Erythromycin is well-known for its properties of tissular diffusion. An estimation of its concentration in uterine tissue seemed worthwhile, in order to justify the use of Erythromycin lactobionate in uterine infections by sensitive micro-organisms. The authors studied the uterine levels of this macrolid, after perfusion of 1g of Erythromycin lactobionate, over a period of one hour. The protocol involved a group of 15 women, who were to undergo a hysterectomy for benign non-inflammatory pathology. The uterine specimens and plasmatic pharmacokinetics of the antibiotic constitute the data. The concentrations of antibiotic were determined by microbiological methods. 2 sets of results emerge: during perfusion, the uterine erythromycin levels are equal or inferior to simultaneous serum levels. after perfusion, the uterine levels are superior to serum levels. A bicompartmental linear model was used, which simulated the tissular levels in standard treatment with Erythromycin lactobionate. If the erythromycin 4 micrograms/ml critical concentration is compared with uterine tissue concentration, the antibiotic may be expected to be active against a uterine affected by sensitive micro-organisms during a period of approximately 5 hours. This result must be confirmed by a clinical study.
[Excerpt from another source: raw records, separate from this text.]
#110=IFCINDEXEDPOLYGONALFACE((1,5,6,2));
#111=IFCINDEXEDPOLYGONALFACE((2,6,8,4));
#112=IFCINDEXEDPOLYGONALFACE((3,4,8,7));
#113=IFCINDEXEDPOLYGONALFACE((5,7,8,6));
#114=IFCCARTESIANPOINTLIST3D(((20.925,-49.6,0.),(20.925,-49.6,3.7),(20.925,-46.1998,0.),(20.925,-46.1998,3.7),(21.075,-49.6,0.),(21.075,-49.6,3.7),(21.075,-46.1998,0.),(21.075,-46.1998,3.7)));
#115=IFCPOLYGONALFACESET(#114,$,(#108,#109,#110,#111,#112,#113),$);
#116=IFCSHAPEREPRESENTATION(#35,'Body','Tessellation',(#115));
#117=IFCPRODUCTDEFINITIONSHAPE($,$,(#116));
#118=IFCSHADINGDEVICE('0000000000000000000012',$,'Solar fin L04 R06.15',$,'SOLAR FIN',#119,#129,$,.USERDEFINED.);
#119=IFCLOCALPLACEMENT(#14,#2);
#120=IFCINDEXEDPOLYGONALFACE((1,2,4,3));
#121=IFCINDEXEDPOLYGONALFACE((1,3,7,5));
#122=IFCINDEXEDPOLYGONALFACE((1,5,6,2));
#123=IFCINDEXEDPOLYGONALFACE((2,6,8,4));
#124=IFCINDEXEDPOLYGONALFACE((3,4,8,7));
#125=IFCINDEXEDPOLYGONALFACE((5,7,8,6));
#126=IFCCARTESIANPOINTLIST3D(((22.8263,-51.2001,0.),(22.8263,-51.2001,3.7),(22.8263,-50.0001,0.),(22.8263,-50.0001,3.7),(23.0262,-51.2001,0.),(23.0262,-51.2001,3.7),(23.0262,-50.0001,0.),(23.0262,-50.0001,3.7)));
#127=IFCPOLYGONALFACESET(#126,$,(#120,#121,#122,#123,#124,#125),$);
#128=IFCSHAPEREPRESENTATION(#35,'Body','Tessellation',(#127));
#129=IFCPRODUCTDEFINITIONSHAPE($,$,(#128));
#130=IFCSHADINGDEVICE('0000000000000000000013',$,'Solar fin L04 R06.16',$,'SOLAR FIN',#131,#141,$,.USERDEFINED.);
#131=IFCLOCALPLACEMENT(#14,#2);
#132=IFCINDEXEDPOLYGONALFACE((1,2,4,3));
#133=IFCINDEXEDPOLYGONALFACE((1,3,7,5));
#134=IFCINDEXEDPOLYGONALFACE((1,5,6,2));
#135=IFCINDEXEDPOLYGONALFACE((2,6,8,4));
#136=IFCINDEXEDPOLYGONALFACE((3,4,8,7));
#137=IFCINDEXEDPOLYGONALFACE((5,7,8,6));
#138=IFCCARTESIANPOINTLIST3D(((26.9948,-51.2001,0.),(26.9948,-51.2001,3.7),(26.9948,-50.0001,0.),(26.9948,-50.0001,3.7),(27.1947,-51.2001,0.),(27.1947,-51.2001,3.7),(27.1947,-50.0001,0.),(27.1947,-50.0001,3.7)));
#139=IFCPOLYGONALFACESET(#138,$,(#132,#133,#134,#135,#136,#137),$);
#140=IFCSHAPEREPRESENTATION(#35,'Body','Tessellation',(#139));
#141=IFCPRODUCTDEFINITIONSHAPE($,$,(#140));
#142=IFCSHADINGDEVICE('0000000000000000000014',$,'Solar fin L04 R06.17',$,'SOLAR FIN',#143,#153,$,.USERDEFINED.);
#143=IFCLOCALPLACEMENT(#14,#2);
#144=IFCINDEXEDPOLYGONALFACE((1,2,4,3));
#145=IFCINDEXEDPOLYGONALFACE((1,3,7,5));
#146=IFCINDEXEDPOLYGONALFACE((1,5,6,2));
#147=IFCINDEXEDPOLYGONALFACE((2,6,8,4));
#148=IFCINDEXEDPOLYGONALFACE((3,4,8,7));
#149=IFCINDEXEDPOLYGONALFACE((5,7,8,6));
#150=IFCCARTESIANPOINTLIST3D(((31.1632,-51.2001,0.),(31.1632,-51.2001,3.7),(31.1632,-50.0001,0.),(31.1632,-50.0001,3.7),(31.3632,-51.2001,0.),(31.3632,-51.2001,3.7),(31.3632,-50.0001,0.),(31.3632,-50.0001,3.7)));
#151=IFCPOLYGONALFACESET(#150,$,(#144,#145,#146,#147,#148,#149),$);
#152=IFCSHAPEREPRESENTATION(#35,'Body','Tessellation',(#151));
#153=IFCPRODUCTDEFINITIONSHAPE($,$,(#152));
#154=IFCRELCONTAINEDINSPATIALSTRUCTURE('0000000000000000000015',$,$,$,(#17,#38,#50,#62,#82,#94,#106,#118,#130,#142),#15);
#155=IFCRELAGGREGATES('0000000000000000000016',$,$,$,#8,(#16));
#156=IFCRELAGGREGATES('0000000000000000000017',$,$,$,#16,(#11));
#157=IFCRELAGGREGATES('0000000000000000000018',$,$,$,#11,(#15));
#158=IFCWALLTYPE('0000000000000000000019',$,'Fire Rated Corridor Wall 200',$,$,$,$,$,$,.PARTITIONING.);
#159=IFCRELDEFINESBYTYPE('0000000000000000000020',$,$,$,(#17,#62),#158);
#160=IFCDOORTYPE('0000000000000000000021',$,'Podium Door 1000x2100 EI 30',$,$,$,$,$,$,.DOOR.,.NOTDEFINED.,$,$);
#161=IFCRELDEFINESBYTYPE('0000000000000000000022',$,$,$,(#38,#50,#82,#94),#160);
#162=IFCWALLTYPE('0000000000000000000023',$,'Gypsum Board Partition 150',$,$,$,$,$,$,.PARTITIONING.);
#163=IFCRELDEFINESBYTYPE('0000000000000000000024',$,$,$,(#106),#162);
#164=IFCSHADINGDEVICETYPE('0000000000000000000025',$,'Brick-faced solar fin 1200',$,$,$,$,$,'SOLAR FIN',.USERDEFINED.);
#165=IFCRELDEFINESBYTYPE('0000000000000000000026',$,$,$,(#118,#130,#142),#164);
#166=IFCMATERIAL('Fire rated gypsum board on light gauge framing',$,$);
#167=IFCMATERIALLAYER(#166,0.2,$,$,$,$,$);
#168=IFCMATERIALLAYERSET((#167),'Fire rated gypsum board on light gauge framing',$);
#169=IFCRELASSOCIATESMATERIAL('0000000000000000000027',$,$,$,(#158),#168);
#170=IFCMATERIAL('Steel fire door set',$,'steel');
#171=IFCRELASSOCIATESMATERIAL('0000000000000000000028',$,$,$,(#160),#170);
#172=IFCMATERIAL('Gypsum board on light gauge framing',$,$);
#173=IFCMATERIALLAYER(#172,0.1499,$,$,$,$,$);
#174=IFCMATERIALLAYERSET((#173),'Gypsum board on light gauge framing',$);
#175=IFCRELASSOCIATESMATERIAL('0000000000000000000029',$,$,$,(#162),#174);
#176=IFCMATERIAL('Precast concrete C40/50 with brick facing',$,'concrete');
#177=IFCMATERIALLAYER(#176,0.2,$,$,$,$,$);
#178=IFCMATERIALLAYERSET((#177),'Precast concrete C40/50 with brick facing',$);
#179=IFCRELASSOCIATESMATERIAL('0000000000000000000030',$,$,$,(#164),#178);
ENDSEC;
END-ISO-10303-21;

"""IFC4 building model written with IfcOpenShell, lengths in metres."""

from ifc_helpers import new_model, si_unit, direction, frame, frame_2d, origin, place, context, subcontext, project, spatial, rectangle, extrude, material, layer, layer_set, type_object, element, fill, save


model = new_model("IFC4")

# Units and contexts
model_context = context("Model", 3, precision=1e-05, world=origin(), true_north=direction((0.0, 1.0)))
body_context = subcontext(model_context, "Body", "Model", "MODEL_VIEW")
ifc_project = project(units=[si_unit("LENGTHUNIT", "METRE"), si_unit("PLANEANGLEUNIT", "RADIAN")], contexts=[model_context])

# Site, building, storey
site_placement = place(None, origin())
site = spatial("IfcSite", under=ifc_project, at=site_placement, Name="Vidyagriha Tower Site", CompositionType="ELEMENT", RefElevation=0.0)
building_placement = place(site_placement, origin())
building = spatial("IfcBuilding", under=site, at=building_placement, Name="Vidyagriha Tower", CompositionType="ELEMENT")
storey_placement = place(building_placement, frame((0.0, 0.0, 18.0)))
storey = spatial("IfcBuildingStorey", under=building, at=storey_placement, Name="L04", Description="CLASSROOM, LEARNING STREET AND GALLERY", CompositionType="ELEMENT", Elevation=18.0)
Gastrointestinal side effects after intravenous Erythromycin lactobionate
Br J Clin Pharmacol 1986 Mar;21(3):295-9.PMID:3964530DOI:10.1111/j.1365-2125.1986.tb05193.x.
Ten healthy normal volunteers received an intravenous infusion of Erythromycin lactobionate over 60 min to a total dose of 800 mg (n = 9), and 524 mg (n = 1). Blood samples were collected at 10 min intervals for 100 min and gastric contents aspirated, via a nasogastric tube, from pre-dose to 105 min after start of infusion. Incidence and severity of three gastrointestinal symptoms (nausea, stomach discomfort and feelings of hunger), two CNS symptoms (dizziness and faintness) and a 'control' symptom (back pain) were measured using 100 mm visual analogue scales. Rate of infusion and plasma erythromycin concentration correlated with nausea (P less than 0.001) and stomach discomfort (P less than 0.001); plasma erythromycin concentration was also correlated with dizziness (P less than 0.05). Concentrations of active erythromycin in the aspirate were pH dependent. In one subject the concentration of erythromycin in the aspirate exceeded that in the plasma by 100 fold. Bile staining of samples containing the highest levels of microbiologically active erythromycin makes the origin of the erythromycin in these samples uncertain.
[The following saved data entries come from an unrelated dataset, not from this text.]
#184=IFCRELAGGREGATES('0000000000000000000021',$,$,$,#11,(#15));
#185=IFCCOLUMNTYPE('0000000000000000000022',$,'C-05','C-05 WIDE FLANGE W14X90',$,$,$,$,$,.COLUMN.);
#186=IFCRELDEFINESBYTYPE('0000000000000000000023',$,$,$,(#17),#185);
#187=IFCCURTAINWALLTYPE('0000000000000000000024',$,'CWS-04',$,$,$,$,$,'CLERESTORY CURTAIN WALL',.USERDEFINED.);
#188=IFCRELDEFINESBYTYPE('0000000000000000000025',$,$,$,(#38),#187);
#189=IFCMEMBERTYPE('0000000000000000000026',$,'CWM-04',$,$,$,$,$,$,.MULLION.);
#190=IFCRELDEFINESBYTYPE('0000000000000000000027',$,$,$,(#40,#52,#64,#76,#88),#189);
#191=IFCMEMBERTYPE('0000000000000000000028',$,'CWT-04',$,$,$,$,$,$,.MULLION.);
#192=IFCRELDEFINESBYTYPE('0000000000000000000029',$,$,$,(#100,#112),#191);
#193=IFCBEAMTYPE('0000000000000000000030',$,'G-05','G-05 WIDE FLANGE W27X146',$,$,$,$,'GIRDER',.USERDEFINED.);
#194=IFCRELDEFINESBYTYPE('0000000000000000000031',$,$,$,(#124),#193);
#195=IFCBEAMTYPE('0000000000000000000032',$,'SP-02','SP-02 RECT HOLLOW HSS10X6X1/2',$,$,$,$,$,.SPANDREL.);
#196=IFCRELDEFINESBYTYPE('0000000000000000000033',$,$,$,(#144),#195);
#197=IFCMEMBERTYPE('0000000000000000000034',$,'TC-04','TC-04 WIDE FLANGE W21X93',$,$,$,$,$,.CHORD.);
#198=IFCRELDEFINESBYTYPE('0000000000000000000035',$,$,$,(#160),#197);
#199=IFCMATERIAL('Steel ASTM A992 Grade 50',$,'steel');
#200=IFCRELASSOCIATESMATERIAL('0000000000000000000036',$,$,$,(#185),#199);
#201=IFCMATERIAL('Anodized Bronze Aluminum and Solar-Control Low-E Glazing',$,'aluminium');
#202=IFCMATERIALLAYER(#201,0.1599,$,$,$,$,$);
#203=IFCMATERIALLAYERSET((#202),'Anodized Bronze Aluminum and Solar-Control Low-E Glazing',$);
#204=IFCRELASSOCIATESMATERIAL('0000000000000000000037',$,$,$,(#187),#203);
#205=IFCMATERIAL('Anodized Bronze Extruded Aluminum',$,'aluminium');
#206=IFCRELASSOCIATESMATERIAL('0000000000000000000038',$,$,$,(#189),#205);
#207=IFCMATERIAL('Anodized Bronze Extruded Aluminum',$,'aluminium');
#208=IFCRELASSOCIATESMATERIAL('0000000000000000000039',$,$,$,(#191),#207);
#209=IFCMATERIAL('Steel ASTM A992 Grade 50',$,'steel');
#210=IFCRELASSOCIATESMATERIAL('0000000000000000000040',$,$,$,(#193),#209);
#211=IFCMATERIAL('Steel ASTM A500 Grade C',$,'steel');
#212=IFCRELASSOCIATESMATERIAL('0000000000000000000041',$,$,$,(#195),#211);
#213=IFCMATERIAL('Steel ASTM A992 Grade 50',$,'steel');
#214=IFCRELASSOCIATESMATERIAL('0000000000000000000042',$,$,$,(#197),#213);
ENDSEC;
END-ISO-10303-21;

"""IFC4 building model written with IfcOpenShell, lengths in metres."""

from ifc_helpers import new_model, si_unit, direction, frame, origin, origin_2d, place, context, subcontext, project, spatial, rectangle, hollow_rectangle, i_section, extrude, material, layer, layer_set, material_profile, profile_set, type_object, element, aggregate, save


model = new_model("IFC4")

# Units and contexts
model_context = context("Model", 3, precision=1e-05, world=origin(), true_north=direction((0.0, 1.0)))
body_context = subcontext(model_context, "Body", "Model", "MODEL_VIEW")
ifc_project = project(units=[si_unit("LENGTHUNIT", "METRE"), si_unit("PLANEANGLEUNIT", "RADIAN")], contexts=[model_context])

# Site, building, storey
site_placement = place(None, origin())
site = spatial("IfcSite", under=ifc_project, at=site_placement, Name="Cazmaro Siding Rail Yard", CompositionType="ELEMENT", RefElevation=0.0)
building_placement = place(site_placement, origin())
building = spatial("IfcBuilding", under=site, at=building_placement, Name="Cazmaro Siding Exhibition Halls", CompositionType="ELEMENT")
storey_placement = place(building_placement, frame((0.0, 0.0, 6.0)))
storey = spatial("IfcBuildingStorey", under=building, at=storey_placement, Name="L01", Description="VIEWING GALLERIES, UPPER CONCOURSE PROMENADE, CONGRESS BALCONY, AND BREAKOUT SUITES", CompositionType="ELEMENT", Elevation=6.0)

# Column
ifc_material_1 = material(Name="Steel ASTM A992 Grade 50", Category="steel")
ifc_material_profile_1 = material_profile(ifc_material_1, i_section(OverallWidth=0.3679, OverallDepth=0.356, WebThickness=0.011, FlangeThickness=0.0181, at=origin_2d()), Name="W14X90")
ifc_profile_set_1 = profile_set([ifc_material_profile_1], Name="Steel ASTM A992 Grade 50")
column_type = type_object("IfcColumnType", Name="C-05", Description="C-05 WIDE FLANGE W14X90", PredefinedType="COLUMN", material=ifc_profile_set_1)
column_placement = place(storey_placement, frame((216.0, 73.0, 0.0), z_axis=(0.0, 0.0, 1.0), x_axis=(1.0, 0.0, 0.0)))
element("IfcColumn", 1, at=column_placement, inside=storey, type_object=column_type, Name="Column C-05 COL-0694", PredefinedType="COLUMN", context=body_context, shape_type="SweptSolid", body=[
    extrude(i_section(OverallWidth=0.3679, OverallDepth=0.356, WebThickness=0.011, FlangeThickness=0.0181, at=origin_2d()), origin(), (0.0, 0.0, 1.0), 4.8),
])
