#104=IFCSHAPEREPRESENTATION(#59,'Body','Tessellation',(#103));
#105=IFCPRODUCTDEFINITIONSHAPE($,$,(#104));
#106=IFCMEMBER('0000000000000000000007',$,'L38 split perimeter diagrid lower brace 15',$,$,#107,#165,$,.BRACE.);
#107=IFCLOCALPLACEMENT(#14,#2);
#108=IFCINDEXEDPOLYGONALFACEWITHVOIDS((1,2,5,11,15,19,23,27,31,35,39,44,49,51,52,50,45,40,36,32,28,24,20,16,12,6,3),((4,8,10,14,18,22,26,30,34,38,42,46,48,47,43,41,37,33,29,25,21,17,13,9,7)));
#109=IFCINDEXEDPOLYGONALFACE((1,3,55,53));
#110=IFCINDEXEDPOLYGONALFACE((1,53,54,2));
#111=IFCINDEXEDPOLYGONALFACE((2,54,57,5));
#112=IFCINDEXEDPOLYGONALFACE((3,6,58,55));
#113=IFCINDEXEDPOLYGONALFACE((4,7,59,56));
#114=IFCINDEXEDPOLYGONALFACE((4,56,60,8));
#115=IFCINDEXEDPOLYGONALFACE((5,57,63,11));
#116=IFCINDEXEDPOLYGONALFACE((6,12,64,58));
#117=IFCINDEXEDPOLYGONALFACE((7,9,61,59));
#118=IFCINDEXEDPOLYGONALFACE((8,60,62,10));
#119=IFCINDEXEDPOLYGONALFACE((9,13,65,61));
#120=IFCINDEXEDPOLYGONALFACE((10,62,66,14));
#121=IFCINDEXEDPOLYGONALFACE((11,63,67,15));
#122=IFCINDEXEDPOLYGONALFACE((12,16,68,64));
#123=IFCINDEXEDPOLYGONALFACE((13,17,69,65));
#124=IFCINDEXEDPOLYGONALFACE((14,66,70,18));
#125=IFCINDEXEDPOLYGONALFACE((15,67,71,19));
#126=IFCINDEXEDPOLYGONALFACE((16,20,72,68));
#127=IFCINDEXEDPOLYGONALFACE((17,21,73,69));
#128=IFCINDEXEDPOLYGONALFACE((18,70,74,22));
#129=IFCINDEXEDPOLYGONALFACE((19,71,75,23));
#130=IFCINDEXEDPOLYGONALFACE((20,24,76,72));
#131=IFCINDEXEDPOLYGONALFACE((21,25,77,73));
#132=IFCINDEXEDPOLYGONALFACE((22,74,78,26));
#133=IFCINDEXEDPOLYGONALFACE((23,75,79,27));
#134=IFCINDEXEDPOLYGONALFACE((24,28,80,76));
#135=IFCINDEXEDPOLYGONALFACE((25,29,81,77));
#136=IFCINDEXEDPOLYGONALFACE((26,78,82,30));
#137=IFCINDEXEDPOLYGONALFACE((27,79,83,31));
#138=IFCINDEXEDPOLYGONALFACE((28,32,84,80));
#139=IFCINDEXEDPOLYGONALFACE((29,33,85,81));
Effects of intravenous Erythromycin lactobionate in respiratory infections
J Int Med Res 1987 Jul-Aug;15(4):245-50.PMID:3653502DOI:10.1177/030006058701500409.
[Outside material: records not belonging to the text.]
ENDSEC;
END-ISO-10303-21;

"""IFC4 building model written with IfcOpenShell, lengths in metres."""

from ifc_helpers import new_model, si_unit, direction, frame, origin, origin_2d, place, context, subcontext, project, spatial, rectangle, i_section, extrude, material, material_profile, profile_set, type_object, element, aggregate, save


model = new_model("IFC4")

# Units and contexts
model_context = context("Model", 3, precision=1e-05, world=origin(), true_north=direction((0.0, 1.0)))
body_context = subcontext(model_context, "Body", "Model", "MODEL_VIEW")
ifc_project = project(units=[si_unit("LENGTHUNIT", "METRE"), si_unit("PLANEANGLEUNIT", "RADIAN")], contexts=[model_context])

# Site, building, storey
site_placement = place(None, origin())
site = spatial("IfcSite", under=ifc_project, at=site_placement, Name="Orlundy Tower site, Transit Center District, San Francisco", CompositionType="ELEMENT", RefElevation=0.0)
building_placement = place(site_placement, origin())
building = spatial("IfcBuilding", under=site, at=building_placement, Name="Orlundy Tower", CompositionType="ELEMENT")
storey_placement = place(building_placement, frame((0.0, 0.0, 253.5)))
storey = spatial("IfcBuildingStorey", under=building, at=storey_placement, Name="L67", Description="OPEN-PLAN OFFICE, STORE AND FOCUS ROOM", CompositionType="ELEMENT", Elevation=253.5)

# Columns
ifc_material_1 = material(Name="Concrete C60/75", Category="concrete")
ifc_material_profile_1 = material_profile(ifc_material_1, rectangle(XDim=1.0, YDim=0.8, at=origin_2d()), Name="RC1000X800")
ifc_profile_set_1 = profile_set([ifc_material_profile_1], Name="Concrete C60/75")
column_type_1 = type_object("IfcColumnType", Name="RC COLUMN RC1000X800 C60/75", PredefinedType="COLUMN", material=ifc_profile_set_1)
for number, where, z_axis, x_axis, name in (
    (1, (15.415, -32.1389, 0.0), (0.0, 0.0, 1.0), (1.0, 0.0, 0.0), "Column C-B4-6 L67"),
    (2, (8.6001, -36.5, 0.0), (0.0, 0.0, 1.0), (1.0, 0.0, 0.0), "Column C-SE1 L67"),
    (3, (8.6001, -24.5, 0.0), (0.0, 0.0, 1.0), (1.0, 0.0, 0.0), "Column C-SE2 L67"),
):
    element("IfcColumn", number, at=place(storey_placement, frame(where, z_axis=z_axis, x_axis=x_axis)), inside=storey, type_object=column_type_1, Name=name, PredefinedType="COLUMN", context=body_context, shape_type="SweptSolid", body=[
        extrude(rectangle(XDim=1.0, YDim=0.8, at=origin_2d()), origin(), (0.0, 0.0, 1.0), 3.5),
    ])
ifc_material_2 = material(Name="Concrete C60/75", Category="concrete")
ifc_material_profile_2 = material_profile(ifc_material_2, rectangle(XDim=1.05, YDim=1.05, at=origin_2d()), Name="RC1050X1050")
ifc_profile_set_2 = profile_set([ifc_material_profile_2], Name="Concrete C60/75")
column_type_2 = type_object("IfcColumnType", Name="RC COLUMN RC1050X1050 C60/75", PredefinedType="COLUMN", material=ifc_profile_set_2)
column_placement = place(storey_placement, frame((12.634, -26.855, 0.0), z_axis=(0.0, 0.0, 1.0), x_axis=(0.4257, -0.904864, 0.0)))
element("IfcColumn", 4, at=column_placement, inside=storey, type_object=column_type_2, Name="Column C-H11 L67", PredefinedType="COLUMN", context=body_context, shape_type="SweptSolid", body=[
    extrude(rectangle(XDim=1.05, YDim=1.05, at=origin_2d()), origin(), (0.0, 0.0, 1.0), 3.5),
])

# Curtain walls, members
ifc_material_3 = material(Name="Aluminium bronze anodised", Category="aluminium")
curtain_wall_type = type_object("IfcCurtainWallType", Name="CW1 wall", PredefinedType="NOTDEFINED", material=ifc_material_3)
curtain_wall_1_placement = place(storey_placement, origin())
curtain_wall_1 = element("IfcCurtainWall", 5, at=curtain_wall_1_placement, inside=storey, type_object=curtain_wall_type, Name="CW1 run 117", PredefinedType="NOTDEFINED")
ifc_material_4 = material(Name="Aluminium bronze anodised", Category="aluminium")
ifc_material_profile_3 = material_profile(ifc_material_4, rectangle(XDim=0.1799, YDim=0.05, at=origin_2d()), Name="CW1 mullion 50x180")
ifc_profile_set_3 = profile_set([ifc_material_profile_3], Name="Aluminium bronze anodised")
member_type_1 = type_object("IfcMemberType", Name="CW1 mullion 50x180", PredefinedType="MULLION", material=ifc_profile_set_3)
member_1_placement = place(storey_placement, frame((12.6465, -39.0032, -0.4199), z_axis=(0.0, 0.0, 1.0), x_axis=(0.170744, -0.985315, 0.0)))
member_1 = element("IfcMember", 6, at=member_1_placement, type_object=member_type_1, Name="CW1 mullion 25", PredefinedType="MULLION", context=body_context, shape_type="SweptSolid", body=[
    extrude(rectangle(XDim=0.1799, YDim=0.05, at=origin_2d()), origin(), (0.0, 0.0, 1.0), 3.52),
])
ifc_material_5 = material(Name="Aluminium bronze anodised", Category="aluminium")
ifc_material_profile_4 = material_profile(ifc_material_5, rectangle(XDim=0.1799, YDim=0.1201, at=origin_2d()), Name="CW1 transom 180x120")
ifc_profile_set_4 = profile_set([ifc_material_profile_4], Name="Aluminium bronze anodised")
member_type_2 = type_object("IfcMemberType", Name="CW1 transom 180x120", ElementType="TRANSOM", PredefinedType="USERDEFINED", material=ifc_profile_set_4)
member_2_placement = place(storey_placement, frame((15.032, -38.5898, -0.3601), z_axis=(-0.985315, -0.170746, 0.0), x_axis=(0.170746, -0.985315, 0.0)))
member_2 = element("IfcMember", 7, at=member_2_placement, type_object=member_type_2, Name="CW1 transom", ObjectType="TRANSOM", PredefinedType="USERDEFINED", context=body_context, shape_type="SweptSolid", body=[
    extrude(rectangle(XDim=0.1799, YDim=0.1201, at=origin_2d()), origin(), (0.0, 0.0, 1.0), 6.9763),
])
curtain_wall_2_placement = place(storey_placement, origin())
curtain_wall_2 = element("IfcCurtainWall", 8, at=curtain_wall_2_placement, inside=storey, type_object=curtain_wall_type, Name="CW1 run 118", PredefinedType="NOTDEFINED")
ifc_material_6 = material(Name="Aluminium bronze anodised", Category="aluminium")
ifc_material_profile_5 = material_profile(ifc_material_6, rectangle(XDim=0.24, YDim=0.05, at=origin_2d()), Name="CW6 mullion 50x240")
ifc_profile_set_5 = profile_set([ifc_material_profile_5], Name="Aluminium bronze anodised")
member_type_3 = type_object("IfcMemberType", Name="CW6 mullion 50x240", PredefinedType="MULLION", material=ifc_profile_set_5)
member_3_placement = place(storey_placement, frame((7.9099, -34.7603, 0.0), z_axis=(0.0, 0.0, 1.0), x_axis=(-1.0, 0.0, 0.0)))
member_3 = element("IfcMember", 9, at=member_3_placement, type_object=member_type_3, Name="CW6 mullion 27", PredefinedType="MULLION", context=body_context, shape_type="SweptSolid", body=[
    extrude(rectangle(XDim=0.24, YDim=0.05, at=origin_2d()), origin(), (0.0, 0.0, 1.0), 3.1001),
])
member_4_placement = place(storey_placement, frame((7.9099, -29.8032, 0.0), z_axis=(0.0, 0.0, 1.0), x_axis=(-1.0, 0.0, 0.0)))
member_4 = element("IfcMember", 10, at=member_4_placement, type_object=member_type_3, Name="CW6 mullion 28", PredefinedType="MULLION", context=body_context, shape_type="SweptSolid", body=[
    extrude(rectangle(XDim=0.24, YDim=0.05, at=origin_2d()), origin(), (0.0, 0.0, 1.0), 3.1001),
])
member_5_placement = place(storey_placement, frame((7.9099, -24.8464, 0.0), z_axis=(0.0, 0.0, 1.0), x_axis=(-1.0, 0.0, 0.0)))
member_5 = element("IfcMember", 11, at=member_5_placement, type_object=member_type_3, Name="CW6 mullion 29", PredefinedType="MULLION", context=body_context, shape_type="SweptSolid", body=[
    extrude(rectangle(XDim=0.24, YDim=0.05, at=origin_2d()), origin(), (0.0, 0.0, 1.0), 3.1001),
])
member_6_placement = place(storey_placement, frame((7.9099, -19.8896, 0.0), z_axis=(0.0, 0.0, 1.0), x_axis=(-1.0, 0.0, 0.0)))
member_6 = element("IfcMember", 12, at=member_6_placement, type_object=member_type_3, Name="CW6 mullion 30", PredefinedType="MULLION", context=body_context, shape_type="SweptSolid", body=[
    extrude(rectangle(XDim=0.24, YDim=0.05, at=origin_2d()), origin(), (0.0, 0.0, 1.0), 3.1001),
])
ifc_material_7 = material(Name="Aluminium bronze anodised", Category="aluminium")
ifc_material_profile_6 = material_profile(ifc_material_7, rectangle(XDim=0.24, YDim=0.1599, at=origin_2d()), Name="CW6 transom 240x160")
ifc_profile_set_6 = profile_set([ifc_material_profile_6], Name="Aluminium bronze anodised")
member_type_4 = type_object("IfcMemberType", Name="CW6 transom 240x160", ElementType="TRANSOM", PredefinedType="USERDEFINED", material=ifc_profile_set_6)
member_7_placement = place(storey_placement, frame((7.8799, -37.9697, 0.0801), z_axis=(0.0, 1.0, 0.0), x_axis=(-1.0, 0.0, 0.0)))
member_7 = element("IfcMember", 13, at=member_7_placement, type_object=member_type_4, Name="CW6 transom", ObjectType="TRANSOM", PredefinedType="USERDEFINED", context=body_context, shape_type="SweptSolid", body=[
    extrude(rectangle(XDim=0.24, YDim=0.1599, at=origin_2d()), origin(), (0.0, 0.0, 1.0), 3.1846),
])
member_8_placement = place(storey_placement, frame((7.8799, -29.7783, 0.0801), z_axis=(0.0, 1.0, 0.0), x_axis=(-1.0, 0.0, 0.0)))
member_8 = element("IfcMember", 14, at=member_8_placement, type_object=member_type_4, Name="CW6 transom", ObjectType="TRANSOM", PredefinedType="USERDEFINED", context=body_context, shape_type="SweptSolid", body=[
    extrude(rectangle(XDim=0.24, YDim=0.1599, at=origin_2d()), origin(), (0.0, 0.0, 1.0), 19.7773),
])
The antibiotic Erythromycin lactobionate given intravenously acts almost exclusively on Gram-positive bacteria. Even at high plasma and tissue concentrations there is an almost total absence of side-effects. It could be considered, therefore, as first choice in the treatment of patients with infectious respiratory diseases. Most of the 40 patients admitted to the present study were elderly and all had either acute or chronic and becoming acute respiratory disease. Their clinical symptoms and levels of phlogosis improved on treatment with Erythromycin lactobionate without any interruption of therapy due to side-effects and toxicity. The absence of unfavourable pharmacological interactions further enhances the usefulness of the drug. In view of the excellent response to monotherapy with Erythromycin lactobionate and the few groups of resistant bacteria found in those cases when it was possible to check, it was not considered necessary to investigate any synergistic association with other antibiotics. It can be concluded, therefore, that therapy with Erythromycin lactobionate in patients with infective respiratory disease is favourable and patients show excellent tolerability.